The bizarre displays of loyalty, the rioting upon Amma’s arrest, the suicides and rampages then only served to strengthen the legend and build a brand of a leader who loomed larger than her party.

This strain of violence and humiliation has always marked female politicians. In 1989, two years into her struggle to establish herself as the first female leader of the opposition, she was attacked by then chief minister Karunanidhi and Dravida Munnetra Kazhagam members in the assembly. Pictures of her leaving the assembly with a torn saree caused a public outcry. The former actress even compared it to Draupadi’s disrobing in the Mahabharata.

This attack went to the heart of the acrimonious struggle between the two Dravidian parties and their leaders. The 93-year-old Karunanidhi’s political ambitions had largely been thwarted by Amma, who made history by being elected chief minister twice in a row – in the 2016 Assembly Elections with an overwhelming majority.

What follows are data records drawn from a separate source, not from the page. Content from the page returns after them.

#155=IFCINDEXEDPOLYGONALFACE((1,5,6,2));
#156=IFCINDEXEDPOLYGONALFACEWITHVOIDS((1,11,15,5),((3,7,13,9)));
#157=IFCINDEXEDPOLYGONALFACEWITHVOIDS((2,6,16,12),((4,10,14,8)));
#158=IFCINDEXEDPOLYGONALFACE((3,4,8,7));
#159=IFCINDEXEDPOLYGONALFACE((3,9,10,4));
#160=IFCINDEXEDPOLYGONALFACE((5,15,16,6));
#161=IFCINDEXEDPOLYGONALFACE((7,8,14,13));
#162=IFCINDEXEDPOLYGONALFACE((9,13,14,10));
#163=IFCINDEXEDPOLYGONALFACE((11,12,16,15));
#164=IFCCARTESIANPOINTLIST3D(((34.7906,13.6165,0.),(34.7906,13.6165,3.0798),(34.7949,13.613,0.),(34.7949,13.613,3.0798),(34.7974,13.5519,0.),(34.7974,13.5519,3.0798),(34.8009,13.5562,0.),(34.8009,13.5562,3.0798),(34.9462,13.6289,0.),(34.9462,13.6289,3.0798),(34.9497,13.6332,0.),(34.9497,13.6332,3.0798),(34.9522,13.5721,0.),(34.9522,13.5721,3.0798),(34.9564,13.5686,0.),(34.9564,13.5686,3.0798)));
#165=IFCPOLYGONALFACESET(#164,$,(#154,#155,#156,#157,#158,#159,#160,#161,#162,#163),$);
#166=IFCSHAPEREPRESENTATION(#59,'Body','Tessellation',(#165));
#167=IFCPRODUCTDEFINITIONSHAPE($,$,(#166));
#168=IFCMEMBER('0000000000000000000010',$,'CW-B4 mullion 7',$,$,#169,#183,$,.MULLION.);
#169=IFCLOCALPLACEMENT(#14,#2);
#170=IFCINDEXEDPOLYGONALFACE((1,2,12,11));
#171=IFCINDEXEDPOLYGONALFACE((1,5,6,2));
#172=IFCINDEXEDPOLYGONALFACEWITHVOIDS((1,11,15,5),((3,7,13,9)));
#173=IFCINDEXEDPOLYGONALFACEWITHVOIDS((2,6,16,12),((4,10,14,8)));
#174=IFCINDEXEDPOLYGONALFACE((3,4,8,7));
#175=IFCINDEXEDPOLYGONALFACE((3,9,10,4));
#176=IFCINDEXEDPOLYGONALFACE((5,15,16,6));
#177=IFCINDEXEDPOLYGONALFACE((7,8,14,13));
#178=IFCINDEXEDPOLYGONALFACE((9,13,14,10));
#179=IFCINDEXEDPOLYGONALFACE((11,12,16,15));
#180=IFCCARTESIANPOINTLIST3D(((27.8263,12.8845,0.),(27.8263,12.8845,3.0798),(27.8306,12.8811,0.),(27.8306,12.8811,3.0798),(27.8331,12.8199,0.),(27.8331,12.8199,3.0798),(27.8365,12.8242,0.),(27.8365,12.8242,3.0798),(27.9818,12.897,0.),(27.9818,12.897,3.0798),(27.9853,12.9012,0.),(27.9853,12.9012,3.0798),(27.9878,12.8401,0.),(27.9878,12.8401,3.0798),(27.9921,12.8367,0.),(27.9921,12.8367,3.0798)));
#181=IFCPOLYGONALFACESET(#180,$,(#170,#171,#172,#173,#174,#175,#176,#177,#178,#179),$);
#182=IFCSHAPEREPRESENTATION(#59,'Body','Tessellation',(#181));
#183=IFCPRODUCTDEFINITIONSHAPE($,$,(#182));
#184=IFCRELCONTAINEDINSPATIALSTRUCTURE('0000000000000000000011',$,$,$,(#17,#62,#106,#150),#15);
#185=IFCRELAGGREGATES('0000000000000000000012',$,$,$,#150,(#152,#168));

Once she came into power, Amma held on to it tightly by building around her a small, tight cordon of confidantes and by encouraging a slavish obedience and sycophancy in her party and public. Streets glowed with life-size posters of her, cinema screens danced with clips of her tireless efforts during intervals, and freebie Amma schemes abounded galore. The bizarre displays of loyalty, the rioting upon her arrest, the suicides and rampages that followed then only served to strengthen the legend and build a brand of a leader who loomed larger than her party. The AIADMK served as an extension of her will, much like the TMC is for Banerjee, or the Congress was for Indira.

Last year as we parsed reports of her death, the tight-lipped secrecy that she instituted in the party continued to be followed by AIADMK members. Information was controlled with a Stalinesque iron fist. O Panneerselvam, who was picked as her successor, remained silent, even as political journalists spent a significant portion of their day outside Chennai’s Apollo Hospital, waiting for any scraps of information on the 68-year-old. But the secrets endured.

There is much to despise in the supremo-style functioning of Jayalalithaa like that of India’s other women leaders. But in their ascent to the top, there is much to admire. In their dogged fearlessness, their incredible intelligence, and their unwillingness to bend to the capriciousness of the men around them. And therein lay Amma’s secret.

This is an updated version of a previously published piece.